As the authors note, ". . . it appears that if high procrastinators are less successful than low procrastinators, it is partly because they participate less (and later) in discussion forums during the learning process" (p. 248). They add later, "Due to their tendency to procrastinate, high procrastinators look at the discussion forums later, deliberately keeping themselves apart. By connecting up later they lose the thread of the discussion and then fear to appear as 'newcomers'. Consequently, they remain isolated until the end of the course." (p. 249).

This isn't surprising, of course. I would think that any learning activity that we might measure might show that procrastinators engage later and do less. Inevitably, this means they spend less time on-task learning. And, in the case of this study, the online discussions were designed to support the learners' solution to the assigned case studies. When students delayed active engagement in these groups, they didn't benefit from learning from others, and they spent less time learning overall.

Moreover, I would take issue with the notion that high procrastinators are "deliberately keeping themselves apart." In fact, they may intend to engage, even want to engage given their goals for the course, but their lack of self-regulatory skills sabotage their intentions. The authors' speculation here as well as my own requires further research.

What the authors do offer in the discussion of their results are a number of practical implications for tutoring online students. In particular, in the context of online learning, where social participation through discussion groups is important to learning, they suggest:

"One strategy is to provide learners with feedback to enable them to compare their level of participation with that of others and particularly with higher achieving learners. This is known to improve performance in online asynchronous environments such as forums . . . Another strategy would be for the tutor to encourage the learners to respond to each others' postings . . . This strategy is known to stimulate the learner's participation, but the tutor/instructor needs to avoid becoming too involved in the discussions, studies having shown that this can inhibit the participation of learners" (p. 249).

Another strategy they suggest was to establish collaboration among learners who have a tendency to procrastinate early in the course (perhaps through electronic brainstorming sessions).

In sum, although I agree with the authors who note that their study is "the first to provide empirical evidence for the relationship between procrastination, participation in asynchronous discussion forums and performance in an online learning environment" (p. 250), I think the results are as expected.
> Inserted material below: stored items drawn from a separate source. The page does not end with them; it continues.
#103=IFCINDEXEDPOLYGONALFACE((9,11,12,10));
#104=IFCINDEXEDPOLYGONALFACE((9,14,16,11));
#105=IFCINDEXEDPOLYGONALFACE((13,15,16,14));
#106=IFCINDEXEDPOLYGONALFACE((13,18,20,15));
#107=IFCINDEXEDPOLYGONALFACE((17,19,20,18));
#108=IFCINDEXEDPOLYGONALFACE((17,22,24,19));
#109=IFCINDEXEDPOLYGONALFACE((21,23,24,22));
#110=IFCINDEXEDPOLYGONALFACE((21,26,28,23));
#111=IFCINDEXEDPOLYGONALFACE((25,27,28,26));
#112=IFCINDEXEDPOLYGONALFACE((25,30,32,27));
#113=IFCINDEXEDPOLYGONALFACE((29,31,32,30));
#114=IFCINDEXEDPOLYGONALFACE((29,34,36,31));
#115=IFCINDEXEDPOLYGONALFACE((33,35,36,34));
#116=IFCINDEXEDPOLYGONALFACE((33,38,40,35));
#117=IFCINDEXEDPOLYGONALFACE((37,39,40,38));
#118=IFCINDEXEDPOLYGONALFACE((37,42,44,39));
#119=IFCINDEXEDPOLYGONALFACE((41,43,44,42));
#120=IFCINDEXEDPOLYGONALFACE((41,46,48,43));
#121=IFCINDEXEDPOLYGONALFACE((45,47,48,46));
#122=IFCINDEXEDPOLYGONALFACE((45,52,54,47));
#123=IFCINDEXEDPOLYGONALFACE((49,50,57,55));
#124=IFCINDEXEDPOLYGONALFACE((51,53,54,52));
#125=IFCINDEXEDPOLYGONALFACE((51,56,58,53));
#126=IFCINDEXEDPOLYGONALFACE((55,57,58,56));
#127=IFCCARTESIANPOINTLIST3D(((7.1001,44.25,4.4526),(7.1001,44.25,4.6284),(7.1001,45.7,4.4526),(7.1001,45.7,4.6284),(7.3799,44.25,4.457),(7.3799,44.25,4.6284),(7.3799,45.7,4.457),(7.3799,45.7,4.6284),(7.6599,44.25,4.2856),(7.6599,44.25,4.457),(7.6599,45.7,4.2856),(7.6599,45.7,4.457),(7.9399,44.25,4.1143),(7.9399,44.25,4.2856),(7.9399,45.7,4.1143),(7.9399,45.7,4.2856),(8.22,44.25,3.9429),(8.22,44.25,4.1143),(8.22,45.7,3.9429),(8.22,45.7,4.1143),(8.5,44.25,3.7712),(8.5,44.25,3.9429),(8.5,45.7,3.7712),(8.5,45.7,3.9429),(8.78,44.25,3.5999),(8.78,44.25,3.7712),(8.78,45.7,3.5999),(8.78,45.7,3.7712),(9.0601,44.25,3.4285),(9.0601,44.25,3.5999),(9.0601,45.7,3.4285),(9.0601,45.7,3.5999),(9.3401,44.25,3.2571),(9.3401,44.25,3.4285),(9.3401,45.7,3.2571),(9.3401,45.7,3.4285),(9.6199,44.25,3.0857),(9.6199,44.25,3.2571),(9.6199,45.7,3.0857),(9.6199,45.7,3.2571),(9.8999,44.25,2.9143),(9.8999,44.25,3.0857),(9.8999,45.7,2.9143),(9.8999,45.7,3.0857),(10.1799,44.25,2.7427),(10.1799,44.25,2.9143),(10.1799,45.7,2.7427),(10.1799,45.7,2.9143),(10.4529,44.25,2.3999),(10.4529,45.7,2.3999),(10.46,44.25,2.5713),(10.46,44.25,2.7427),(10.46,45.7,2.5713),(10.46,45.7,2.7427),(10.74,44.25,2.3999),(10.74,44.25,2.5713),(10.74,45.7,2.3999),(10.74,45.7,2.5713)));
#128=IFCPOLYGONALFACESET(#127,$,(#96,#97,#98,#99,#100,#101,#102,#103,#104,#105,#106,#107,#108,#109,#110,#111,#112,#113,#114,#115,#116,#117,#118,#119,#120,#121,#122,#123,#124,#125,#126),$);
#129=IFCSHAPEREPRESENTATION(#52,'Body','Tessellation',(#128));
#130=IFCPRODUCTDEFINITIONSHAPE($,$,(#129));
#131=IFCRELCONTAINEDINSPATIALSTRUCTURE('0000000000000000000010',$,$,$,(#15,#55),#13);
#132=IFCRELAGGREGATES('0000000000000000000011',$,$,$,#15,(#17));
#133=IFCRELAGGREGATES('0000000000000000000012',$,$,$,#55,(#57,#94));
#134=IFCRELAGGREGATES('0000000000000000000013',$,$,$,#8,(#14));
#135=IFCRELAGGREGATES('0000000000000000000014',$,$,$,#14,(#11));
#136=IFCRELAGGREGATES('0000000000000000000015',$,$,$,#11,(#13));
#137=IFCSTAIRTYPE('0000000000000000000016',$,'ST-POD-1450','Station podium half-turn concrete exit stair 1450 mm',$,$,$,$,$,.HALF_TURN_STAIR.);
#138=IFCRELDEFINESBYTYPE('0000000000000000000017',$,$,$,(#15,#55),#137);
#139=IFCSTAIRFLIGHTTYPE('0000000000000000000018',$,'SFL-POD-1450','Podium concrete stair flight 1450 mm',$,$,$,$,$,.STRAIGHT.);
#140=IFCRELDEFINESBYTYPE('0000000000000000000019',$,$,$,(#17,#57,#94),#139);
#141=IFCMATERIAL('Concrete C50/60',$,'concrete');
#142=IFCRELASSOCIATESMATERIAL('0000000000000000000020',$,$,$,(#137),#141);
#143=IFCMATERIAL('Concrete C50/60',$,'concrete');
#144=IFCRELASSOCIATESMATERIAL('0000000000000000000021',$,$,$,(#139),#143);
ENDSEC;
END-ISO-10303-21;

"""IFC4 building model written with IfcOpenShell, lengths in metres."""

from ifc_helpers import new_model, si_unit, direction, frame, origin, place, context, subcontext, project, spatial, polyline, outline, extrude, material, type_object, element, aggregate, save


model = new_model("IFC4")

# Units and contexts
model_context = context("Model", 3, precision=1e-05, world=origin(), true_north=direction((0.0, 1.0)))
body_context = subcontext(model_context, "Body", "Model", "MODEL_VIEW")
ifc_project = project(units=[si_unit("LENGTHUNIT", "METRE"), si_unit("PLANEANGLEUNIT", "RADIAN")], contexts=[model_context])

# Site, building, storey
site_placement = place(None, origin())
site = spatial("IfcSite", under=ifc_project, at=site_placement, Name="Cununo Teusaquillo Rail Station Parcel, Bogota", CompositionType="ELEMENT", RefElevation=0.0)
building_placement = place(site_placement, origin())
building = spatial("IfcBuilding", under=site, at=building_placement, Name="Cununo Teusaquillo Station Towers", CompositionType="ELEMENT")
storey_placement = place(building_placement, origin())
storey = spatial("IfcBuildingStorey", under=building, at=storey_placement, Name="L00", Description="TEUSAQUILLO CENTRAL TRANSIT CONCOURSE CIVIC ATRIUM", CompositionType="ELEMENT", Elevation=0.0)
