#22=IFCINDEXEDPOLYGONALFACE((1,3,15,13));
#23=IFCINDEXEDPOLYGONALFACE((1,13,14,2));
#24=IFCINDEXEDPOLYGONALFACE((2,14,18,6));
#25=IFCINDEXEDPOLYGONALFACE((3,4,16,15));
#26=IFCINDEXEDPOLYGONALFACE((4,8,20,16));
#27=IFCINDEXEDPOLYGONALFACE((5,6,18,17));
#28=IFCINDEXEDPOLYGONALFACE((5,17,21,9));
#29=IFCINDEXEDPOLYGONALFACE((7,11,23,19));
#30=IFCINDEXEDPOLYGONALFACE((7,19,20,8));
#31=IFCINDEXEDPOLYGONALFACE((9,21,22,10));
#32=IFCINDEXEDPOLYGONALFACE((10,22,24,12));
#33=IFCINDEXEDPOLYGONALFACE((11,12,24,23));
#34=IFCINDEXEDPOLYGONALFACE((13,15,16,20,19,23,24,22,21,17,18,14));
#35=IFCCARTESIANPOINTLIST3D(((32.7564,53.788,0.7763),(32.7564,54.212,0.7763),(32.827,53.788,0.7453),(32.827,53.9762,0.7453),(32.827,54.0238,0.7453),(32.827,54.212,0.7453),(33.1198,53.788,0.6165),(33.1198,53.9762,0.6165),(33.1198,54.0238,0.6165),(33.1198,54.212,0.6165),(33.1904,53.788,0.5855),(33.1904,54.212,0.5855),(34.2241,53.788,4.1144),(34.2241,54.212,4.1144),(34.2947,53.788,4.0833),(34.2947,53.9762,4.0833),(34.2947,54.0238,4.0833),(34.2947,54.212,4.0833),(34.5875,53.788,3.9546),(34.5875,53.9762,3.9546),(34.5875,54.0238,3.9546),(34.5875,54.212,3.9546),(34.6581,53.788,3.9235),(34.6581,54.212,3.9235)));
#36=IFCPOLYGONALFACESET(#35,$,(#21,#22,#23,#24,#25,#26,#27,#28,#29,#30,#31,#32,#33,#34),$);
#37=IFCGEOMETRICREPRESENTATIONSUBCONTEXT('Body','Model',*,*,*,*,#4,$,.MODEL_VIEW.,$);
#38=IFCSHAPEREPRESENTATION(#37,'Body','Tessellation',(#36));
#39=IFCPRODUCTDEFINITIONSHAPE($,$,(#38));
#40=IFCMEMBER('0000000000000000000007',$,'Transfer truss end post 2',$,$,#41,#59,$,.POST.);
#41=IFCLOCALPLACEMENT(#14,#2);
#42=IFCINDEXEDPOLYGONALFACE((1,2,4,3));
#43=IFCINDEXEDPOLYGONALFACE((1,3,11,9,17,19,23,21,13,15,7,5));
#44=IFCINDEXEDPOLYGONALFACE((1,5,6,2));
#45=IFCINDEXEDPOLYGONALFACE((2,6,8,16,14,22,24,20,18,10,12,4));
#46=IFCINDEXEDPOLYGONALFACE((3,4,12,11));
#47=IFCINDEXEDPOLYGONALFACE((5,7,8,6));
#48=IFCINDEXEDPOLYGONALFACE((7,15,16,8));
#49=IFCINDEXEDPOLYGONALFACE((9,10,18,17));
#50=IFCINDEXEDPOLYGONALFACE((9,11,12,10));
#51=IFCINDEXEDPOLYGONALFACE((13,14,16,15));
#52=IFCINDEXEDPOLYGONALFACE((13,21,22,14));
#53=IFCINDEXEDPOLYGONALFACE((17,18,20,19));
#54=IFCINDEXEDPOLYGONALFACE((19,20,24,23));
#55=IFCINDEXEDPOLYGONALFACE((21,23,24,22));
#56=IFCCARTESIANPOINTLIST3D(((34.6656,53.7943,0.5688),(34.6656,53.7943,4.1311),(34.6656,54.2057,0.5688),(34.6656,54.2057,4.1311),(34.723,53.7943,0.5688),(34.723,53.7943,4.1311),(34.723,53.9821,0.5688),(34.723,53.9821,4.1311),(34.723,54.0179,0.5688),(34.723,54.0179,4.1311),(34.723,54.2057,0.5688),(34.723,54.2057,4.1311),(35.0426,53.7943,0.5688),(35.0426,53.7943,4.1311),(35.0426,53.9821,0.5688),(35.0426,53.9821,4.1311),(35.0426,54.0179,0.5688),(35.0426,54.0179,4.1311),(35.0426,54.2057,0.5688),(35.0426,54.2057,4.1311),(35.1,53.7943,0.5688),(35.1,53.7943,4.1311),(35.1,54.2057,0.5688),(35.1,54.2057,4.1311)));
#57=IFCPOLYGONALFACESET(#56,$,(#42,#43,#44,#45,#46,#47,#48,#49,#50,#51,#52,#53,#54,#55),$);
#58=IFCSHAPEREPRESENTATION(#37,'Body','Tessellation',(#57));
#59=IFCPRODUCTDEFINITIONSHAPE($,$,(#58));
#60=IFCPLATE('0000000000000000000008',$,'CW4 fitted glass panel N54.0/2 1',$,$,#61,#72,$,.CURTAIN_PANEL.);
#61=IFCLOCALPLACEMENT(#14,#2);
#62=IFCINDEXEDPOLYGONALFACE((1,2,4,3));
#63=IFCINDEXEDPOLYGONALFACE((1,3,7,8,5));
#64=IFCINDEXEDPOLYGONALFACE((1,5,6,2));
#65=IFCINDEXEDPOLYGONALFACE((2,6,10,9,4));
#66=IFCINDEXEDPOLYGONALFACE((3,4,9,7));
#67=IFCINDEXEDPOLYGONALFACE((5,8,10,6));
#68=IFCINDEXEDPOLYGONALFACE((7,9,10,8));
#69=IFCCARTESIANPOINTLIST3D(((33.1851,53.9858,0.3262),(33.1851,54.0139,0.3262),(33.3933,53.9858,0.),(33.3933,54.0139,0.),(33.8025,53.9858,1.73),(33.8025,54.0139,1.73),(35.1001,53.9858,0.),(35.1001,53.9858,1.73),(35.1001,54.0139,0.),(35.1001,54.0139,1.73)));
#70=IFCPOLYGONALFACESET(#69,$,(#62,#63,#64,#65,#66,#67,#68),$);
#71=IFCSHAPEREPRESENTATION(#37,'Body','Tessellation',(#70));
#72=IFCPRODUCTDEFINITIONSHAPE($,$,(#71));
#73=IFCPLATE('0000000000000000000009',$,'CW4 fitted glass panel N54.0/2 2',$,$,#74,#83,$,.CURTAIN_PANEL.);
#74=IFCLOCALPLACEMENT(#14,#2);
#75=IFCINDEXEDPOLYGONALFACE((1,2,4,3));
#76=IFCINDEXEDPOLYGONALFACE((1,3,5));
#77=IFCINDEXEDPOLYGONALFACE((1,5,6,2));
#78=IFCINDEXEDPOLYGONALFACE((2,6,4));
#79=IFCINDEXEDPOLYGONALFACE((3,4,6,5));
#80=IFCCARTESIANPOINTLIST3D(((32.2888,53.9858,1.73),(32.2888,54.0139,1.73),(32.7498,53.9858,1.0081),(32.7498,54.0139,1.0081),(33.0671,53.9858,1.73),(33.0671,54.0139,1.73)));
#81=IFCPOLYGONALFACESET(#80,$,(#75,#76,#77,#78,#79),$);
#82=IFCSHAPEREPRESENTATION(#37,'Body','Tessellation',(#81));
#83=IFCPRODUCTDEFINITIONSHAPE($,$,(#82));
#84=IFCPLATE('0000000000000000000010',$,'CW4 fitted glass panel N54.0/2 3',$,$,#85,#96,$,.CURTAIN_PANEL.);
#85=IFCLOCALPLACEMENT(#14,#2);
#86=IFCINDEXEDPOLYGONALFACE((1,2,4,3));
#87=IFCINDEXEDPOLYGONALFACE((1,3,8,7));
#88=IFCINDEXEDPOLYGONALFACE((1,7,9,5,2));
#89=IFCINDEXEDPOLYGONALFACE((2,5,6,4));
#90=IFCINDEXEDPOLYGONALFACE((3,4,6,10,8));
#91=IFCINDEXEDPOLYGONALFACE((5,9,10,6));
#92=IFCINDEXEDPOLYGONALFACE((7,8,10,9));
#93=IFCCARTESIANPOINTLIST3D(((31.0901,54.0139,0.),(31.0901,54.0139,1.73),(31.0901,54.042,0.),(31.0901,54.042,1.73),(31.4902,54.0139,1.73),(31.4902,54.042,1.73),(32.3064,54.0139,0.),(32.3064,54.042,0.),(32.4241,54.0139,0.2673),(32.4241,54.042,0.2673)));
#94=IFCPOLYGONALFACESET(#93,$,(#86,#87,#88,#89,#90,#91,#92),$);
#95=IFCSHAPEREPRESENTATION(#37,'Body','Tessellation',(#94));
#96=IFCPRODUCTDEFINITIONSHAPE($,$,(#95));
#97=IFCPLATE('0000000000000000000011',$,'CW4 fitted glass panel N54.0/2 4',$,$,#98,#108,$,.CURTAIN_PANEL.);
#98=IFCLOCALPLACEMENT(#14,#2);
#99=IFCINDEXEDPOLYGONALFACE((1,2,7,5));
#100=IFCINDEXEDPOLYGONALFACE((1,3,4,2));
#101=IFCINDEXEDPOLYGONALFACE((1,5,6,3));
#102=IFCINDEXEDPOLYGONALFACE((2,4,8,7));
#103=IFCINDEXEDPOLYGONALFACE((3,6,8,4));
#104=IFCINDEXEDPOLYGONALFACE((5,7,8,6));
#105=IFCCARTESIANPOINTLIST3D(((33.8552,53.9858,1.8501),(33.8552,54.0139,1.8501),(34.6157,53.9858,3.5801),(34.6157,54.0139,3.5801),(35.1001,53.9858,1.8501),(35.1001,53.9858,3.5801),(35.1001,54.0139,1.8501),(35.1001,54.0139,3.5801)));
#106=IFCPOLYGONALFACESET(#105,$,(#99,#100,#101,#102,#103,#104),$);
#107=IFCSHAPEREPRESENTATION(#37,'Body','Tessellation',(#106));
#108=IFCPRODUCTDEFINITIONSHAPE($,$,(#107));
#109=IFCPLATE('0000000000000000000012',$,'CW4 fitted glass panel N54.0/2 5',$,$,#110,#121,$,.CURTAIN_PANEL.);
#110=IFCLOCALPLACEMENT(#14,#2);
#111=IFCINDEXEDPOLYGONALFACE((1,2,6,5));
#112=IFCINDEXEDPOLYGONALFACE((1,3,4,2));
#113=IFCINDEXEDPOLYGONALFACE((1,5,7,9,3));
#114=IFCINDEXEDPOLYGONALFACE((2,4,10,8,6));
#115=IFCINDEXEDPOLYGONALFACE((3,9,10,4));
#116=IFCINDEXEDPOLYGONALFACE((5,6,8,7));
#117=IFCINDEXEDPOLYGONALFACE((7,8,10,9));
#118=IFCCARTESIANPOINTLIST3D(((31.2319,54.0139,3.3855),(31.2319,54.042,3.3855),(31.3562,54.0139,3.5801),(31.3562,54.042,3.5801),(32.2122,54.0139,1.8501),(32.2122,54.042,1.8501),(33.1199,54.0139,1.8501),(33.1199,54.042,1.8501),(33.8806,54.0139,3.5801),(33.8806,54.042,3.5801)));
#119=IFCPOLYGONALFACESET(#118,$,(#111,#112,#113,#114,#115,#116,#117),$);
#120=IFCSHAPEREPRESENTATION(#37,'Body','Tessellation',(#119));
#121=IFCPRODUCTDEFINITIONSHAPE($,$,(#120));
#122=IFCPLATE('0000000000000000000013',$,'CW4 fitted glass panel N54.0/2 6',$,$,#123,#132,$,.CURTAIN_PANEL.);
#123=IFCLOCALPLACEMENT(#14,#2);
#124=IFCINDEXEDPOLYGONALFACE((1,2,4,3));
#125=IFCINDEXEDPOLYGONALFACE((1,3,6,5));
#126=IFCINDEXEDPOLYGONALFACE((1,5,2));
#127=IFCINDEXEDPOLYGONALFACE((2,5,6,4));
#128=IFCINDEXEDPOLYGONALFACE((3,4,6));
As my students and I have demonstrated in previous research, procrastinators study later and study less. This contributes to their poorer performance.

There is certainly much more we need to investigate in terms of self-regulation, self-directed learning and motivation in a world where online learning is becoming more and more common. The unfortunate truth in education is that some learners have always "fallen through the cracks" of our educational systems. I fear online learning may be creating some new and very large "cracks" in a number of ways that we don't fully understand or even appreciate. The study reviewed here underscores the roles of self-motivation and self-regulation and points to how social strategies need to be encouraged and modeled using computer-mediated social networking technologies.

Based on my own experience, I am confident that, appropriately used, many of these new online learning environments will be much more useful and learners will be much more successful than with traditional classroom methods.

References
Michinov, N., Brunot, S., Le Bohec, O., Juhel, J., & Delaval, M. (2011). Procrastination, participation, and performance in online learning environments. Computers & Education, 56, 243-252.